TensorRT Inference is Slower Than Other Frameworks

I just created a TensorRT YoloV3 engine. However inference time does not make any significant difference. When I run the same model with PyTorch I get 20 FPS but TRT inference only yields around 10 FPS. I work on my notebook’s GTX 1050 Max-Q with CUDA 10. Only warning I got end to end (from converting yolo to engine, to inference) is ;

[TensorRT] WARNING: TensorRT was linked against cuDNN 7.6.3 but loaded cuDNN 7.4.2

I couldnt know what type of info should I add more so that’s all for now. I’ll be willing to add the more info on demand.


Can you provide the following information so we can better help?
Provide details on the platforms you are using:
o Linux distro and version
o GPU type
o Nvidia driver version
o CUDA version
o CUDNN version
o Python version [if using python]
o Tensorflow and PyTorch version
o TensorRT version

Also, if possible please share the script & model file to reproduce the issue.


Ubuntu 18.04.3 LTS
GeForce GTX 1050 with Max-Q Design/PCIe/SSE2 Driver Version 440.26
CUDNN 7.4.2
Python 3.6.8
Tensorflow-GPU 1.14.0
Torch 1.3.1
Torchvision 0.4.2

Model is from https://github.com/pjreddie/darknet/blob/master/cfg/yolov3.cfg

And the scripts I used is from https://github.com/penolove/yolov3-tensorrt .
Repo might not work right away when you clone but minor edits whitout the need of changing the core of it will help to get it working.

Couple of recommendations:

  1. Warning seems to be due to older version of cuDNN. Could you please try upgrading the cuDNN version to 7.6.5?
        Please refer to below support matrix:
  2. ONNX Parser isn’t currently compatible with the ONNX models exported from Pytorch 1.3 - If you downgrade to Pytorch 1.2, this issue should go away.
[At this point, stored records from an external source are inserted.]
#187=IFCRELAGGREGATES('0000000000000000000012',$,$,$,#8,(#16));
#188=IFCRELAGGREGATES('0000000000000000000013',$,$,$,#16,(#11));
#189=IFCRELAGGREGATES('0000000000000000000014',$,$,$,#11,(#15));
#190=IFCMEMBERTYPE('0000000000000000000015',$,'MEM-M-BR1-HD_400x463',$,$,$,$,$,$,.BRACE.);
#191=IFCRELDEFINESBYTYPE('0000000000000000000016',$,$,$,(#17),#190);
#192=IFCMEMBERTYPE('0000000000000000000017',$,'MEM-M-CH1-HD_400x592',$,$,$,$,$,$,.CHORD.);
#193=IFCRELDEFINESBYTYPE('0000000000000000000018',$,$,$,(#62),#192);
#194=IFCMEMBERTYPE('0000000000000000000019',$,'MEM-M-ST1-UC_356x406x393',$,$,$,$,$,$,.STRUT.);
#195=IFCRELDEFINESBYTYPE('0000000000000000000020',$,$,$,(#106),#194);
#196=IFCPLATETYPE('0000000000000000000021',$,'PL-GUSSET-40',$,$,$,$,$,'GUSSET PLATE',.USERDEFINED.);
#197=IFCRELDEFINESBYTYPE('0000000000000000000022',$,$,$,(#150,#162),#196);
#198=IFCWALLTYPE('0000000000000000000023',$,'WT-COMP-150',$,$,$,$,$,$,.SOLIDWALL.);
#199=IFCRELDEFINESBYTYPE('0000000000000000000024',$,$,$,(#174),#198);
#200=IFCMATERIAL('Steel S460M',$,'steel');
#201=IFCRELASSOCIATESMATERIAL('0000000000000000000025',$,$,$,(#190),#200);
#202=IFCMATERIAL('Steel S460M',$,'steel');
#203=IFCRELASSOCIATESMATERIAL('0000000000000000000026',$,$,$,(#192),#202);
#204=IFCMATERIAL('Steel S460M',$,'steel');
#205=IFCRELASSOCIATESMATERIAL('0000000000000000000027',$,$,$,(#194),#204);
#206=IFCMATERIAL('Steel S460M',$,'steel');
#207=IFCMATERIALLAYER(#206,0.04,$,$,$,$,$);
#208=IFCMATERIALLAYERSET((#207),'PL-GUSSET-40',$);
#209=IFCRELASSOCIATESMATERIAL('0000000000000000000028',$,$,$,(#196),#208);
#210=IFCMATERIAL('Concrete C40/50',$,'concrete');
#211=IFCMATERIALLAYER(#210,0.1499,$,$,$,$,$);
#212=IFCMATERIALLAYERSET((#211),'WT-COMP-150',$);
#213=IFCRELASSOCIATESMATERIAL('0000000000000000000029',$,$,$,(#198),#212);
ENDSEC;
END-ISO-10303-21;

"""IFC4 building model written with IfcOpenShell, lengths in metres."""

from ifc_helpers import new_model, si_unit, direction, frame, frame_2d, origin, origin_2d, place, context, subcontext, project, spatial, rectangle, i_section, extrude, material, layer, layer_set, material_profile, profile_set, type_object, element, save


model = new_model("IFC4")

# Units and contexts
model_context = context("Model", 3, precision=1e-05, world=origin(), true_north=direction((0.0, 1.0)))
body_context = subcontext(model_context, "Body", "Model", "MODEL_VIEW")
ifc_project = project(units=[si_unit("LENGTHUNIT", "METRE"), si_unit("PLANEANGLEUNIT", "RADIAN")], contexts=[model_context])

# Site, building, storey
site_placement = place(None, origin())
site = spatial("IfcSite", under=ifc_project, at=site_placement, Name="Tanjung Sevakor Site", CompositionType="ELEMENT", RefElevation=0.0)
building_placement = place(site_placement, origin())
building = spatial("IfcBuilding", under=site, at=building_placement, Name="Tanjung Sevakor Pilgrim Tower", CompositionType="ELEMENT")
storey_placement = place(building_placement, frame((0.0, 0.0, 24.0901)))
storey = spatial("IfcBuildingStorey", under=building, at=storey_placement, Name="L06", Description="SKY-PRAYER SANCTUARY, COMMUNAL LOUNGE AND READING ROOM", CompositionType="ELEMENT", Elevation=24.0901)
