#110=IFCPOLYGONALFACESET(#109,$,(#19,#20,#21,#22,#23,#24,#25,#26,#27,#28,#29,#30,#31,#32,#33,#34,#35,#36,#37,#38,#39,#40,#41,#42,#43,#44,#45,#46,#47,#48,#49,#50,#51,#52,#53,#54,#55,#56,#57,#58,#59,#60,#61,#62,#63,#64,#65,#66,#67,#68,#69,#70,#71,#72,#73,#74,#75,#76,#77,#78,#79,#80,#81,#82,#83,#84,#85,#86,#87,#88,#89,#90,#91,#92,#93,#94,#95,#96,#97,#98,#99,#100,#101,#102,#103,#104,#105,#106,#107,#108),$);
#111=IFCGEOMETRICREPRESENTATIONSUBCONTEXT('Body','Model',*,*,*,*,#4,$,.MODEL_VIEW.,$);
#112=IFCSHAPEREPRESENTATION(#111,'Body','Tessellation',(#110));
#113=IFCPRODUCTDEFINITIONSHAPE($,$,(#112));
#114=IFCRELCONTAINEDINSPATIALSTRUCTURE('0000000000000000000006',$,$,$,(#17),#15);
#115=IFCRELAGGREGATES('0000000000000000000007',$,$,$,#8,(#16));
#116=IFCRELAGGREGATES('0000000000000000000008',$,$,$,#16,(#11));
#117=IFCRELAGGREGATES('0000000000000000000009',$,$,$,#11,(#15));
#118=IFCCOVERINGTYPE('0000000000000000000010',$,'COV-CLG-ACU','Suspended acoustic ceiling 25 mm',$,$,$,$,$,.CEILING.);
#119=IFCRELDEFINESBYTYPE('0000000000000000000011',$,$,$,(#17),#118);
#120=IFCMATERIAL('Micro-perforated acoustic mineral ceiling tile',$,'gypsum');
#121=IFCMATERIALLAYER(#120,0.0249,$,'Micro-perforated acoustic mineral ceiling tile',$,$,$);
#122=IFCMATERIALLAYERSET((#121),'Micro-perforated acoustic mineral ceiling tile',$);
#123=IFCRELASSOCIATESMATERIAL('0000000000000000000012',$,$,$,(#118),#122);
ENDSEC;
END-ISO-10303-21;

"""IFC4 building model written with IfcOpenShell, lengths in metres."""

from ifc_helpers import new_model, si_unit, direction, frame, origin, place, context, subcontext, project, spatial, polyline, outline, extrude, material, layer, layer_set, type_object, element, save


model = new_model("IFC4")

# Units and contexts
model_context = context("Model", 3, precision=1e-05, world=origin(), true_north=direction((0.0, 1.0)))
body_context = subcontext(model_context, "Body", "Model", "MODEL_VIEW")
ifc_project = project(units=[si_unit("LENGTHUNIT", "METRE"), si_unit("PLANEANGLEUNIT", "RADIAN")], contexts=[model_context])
Hi, I just met a similar problem. I used python samples of tensorrt for yolov3, with onnx parser of version 1.4.1. I successfully run the sample program, and get 17 FPS on pure inference time (data -> gpu + model inference) without postprocess. Then I switch to MXNet gluoncv’s version of yolov3, which is the same for darknet53_coco, and I also get around 17 FPS with only network inference. The postprocess of trt sample is too slow in python and will make its FPS down to 3, so I didn’t calculate it.

Here are my versions:
PC: Intel® Core™ i7-7700HQ CPU @ 2.80GHz × 8 + GeForce GTX 1060/PCIe/SSE2
Ubuntu 18.04
CUDA 10.1
Cudnn: 7.5.0
MXNet: 1.5.1
yolov3 input size: 608 x 608
python: 3.6.8
data type: float32

Are there any suggestions? Or is it normal to have similar FPS? I already got over 2x speed up on simple resnet18 and resnet50 with test on trt with FP32.


TensorRT is a high performance neural network inference optimizer and runtime engine.
The pre and post-processing steps depend strongly on the particular application.

Please refer to below link for optimizing python performance.


Thanks for the fast reply, while what I am asking is, is that normal to have similar FPS?

Please be aware that I didn’t consider pre or post process AT ALL in time estimate. Also, it works well in simple Resnet inference with good speed up.


Can you share the model file and script to reproduce this issue so we can better help?
Meanwhile, please try to use the latest supported TRT version.